Nanoscale multilayer WC/C coatings developed for nanopositioning: Part I. Microstructures and mechanical properties

Tungsten Carbide/Carbon (WC/C) multilayers of nanometres in period were developed for applications in the bearings used for nanopositioning. The present work is concerned with the characterization of the microstructure, composition and mechanical properties of the multilayers. Multilayers with a total thickness of 210 nm were sputter deposited on Si substrates. The substrates were covered with a 200 nm thick Cr adhesion layer and a 250 nm thick WC intermediate layer sputter deposited prior to the multilayer coating. The structure and composition were investigated by X-ray diffraction, X-ray photoelectron spectroscopy, Auger electron microscopy, electron energy loss spectroscopy, scanning electron microscopy and transmission electron microscopy.
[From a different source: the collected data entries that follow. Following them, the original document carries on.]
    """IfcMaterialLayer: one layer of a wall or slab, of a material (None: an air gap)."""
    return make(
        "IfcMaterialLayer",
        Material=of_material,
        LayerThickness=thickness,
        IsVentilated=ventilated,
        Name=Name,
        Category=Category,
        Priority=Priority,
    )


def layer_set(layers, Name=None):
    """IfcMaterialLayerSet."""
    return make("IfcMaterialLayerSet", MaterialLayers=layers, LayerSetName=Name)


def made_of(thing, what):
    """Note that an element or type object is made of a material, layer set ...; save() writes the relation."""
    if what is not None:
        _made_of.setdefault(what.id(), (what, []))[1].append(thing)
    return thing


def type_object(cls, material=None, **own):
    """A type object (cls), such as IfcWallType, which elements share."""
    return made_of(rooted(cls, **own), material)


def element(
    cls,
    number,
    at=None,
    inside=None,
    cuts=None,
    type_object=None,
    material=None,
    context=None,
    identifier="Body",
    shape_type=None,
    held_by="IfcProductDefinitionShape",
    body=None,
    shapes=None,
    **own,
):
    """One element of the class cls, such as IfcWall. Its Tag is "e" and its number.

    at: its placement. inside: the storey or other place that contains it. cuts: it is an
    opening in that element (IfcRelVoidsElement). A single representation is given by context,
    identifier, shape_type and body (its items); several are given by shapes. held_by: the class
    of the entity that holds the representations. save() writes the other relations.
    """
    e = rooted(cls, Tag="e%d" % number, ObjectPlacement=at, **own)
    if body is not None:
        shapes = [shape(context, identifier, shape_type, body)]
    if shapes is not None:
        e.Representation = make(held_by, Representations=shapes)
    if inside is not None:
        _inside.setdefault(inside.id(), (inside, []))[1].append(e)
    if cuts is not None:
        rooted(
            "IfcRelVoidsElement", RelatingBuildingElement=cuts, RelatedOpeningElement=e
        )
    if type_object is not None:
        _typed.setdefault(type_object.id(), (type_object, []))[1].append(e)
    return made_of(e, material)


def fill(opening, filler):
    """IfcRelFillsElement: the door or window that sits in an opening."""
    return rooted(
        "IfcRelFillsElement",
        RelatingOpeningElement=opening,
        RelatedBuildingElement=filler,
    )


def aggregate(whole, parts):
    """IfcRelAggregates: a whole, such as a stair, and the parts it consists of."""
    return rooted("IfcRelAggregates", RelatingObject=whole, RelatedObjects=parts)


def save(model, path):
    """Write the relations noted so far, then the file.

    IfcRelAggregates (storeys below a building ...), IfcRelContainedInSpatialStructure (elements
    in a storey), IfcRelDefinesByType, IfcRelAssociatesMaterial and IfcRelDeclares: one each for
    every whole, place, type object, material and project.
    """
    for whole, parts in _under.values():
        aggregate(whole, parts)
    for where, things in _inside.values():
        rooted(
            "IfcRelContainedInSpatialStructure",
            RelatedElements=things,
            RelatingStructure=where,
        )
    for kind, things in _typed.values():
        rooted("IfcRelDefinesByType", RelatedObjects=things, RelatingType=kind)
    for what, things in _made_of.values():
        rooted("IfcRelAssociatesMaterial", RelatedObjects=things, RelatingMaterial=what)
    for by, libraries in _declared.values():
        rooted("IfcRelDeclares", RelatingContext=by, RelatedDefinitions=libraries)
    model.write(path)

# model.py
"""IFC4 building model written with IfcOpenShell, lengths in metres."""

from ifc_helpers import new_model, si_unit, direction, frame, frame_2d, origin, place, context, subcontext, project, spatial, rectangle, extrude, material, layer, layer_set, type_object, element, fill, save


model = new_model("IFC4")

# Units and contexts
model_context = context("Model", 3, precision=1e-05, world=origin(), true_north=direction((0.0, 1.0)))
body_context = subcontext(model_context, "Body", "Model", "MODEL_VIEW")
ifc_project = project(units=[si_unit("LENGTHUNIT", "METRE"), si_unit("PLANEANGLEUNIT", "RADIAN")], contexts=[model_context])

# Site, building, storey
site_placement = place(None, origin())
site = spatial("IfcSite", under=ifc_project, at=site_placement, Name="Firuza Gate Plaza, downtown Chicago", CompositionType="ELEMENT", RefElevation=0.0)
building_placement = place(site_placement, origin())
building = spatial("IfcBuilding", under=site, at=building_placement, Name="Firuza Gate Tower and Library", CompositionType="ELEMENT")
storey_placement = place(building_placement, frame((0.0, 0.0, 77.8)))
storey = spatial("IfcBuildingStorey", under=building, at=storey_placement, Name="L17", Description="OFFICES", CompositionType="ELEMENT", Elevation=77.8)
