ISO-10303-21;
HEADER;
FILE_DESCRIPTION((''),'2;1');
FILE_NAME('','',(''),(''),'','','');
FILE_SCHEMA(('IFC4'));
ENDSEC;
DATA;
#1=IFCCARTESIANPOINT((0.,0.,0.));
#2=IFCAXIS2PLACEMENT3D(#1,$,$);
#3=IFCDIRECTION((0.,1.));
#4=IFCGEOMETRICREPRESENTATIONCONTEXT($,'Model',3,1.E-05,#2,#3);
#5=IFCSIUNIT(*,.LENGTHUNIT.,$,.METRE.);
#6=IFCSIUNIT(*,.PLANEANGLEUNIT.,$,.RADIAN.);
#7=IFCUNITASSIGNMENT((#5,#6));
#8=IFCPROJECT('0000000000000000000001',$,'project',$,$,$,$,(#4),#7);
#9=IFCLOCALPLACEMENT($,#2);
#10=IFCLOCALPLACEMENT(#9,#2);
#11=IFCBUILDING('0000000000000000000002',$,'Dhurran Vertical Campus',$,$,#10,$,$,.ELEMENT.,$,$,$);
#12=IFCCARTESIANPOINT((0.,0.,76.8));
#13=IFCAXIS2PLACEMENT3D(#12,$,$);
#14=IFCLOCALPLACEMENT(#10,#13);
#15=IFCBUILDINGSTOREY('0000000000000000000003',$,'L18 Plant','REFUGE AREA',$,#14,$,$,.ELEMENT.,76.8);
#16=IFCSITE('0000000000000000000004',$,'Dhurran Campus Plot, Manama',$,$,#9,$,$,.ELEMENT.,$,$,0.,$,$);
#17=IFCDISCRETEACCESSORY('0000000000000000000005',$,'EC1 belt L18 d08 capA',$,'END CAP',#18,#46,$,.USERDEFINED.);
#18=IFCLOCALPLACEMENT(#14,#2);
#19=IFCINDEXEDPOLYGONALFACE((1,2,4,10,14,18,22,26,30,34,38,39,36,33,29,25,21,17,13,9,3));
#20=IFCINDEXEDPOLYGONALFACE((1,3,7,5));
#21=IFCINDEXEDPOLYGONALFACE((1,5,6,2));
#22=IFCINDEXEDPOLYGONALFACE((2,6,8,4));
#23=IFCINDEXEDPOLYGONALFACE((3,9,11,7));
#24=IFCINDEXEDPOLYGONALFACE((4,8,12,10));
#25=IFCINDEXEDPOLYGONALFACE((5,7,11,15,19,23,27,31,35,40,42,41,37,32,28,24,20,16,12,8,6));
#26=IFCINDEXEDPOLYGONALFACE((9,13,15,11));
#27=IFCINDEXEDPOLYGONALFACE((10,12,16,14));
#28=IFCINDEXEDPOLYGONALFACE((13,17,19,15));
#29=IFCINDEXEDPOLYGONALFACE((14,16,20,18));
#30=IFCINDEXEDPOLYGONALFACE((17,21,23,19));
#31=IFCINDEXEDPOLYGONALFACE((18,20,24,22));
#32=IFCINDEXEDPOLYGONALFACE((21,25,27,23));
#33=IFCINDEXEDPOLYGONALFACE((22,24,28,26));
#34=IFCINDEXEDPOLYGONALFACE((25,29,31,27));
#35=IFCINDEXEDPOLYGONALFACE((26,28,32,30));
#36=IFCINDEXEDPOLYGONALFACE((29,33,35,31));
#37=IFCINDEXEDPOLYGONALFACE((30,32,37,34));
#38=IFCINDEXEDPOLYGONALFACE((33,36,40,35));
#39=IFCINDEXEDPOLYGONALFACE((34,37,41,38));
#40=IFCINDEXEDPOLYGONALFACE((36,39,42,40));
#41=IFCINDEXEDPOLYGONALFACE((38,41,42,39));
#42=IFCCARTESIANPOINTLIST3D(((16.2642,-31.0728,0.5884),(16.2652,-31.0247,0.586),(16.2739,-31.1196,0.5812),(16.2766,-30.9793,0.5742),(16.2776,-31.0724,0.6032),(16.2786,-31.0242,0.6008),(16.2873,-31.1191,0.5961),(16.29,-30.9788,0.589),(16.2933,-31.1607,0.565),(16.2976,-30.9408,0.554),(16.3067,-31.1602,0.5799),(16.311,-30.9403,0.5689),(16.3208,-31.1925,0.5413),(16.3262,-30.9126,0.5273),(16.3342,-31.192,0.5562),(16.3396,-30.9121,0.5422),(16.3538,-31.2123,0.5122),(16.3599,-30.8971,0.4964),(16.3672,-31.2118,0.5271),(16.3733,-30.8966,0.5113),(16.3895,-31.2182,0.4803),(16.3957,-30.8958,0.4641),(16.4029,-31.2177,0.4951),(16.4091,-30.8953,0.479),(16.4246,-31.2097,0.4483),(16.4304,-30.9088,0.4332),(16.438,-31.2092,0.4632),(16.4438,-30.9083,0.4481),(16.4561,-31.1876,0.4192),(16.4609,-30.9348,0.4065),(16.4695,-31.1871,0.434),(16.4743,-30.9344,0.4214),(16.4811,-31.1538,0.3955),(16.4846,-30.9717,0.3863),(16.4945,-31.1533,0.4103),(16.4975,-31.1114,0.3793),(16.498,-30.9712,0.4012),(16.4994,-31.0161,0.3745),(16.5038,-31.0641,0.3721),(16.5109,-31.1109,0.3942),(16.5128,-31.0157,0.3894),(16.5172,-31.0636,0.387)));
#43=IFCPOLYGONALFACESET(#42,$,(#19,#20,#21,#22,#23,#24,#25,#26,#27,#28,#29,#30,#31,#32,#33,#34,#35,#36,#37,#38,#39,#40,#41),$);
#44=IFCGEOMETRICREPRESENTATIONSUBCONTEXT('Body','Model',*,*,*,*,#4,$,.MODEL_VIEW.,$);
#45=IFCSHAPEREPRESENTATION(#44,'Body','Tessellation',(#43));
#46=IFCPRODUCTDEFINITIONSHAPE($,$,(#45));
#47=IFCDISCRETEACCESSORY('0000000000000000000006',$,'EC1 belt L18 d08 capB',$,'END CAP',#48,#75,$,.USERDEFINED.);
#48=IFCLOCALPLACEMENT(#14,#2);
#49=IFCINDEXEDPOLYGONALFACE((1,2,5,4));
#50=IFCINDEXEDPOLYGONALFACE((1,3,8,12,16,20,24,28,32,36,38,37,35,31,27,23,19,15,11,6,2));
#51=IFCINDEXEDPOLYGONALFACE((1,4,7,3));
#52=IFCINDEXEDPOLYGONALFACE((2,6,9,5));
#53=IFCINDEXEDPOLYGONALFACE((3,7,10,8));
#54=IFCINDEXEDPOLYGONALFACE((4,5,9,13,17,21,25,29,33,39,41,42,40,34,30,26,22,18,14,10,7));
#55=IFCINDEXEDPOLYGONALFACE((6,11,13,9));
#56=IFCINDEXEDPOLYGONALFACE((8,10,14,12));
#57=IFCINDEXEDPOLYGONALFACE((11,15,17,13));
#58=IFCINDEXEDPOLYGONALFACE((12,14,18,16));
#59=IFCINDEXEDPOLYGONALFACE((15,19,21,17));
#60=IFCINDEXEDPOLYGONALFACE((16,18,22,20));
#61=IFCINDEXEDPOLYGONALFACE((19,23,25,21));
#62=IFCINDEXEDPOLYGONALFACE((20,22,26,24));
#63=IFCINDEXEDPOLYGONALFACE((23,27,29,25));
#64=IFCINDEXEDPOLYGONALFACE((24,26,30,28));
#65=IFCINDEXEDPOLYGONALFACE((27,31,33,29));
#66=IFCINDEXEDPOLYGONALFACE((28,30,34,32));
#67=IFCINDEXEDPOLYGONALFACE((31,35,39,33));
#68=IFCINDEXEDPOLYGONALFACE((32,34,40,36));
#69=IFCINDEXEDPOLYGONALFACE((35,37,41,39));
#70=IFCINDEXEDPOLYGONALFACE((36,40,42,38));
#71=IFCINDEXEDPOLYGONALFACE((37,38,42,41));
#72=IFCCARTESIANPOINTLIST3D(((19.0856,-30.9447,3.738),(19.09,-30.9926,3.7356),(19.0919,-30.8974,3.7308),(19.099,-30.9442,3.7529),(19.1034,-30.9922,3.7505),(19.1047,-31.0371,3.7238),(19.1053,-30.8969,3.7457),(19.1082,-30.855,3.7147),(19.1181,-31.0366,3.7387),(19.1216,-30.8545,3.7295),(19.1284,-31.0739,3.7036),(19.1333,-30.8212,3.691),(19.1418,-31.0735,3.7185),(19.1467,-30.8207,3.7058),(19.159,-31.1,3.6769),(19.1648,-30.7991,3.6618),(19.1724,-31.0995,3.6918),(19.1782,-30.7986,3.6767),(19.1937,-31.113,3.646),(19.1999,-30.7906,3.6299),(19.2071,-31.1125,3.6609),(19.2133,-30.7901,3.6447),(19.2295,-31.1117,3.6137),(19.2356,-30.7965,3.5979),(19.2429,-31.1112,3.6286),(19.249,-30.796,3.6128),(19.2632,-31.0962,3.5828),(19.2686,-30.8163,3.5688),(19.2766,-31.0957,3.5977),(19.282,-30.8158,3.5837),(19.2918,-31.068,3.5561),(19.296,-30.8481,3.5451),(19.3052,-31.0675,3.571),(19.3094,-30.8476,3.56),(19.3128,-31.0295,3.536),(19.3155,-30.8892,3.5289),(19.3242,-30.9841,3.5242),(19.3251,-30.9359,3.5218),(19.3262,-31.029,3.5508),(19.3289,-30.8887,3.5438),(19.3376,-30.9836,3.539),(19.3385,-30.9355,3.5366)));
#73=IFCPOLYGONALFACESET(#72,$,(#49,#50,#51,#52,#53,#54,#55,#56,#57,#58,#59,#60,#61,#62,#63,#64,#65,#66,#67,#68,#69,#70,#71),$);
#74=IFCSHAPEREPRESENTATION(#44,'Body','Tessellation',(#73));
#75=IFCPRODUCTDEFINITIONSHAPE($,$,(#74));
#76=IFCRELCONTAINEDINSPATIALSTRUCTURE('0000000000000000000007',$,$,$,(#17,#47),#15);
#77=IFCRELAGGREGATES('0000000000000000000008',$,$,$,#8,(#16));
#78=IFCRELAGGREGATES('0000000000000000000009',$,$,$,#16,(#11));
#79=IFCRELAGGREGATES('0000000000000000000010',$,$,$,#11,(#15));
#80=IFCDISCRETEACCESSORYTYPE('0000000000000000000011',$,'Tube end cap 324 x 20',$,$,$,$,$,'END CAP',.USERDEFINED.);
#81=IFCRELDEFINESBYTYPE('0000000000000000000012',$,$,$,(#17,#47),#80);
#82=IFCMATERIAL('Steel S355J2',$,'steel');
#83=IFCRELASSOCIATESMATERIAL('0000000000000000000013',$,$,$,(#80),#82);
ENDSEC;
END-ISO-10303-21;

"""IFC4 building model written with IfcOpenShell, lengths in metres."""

from ifc_helpers import new_model, si_unit, direction, frame, origin, origin_2d, place, context, subcontext, project, spatial, circle, extrude, material, material_profile, profile_set, type_object, element, save


model = new_model("IFC4")

# Units and contexts
model_context = context("Model", 3, precision=1e-05, world=origin(), true_north=direction((0.0, 1.0)))
body_context = subcontext(model_context, "Body", "Model", "MODEL_VIEW")
ifc_project = project(units=[si_unit("LENGTHUNIT", "METRE"), si_unit("PLANEANGLEUNIT", "RADIAN")], contexts=[model_context])

# Site, building, storey
site_placement = place(None, origin())
site = spatial("IfcSite", under=ifc_project, at=site_placement, Name="Dhurran Campus Plot, Manama", CompositionType="ELEMENT", RefElevation=0.0)
building_placement = place(site_placement, origin())
building = spatial("IfcBuilding", under=site, at=building_placement, Name="Dhurran Vertical Campus", CompositionType="ELEMENT")
storey_placement = place(building_placement, frame((0.0, 0.0, 76.8)))
storey = spatial("IfcBuildingStorey", under=building, at=storey_placement, Name="L18 Plant", Description="REFUGE AREA", CompositionType="ELEMENT", Elevation=76.8)

# Discrete accessories
ifc_material_1 = material(Name="Steel S355J2", Category="steel")
ifc_material_profile_1 = material_profile(ifc_material_1, circle(Radius=0.1619, at=origin_2d()), Name="Tube end cap 324 x 20")
ifc_profile_set_1 = profile_set([ifc_material_profile_1], Name="Steel S355J2")
discrete_accessory_type = type_object("IfcDiscreteAccessoryType", Name="Tube end cap 324 x 20", ElementType="END CAP", PredefinedType="USERDEFINED", material=ifc_profile_set_1)
for number, where, z_axis, x_axis, name in (
    (1, (16.397, -31.0559, 0.4951), (-0.669439, -0.024343, -0.742468), (0.03634, -0.999339, 0.0), "EC1 belt L18 d08 capA"),
    (2, (19.2058, -30.9524, 3.6299), (0.669439, 0.024343, 0.742468), (-0.03634, 0.999339, 0.0), "EC1 belt L18 d08 capB"),
):
    element("IfcDiscreteAccessory", number, at=place(storey_placement, frame(where, z_axis=z_axis, x_axis=x_axis)), inside=storey, type_object=discrete_accessory_type, Name=name, ObjectType="END CAP", PredefinedType="USERDEFINED", context=body_context, shape_type="SweptSolid", body=[
        extrude(circle(Radius=0.1619, at=origin_2d()), origin(), (0.0, 0.0, 1.0), 0.02),
    ])

save(model, "model.ifc")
The surface morphology and mechanical properties were examined by atomic force microscopy and nanoindentation techniques. Crystalline β-WC1−x with a carbon content of ∼39 at.% and (200) preferred orientation was found in the WC layers while the C layers were amorphous and contained predominantly sp2 bonds. A sharp interface of 1-2 atomic layers in thickness was observed between the WC and C layers. Hardness and modulus values of the multilayer coatings are between those of the reference single carbon and WC layers. The surface roughness of the multilayer coatings was ∼2 nm, and not depending on the period of the multilayers. The origin of the roughness was due to the columnar growth of the adhesive and intermediate layers.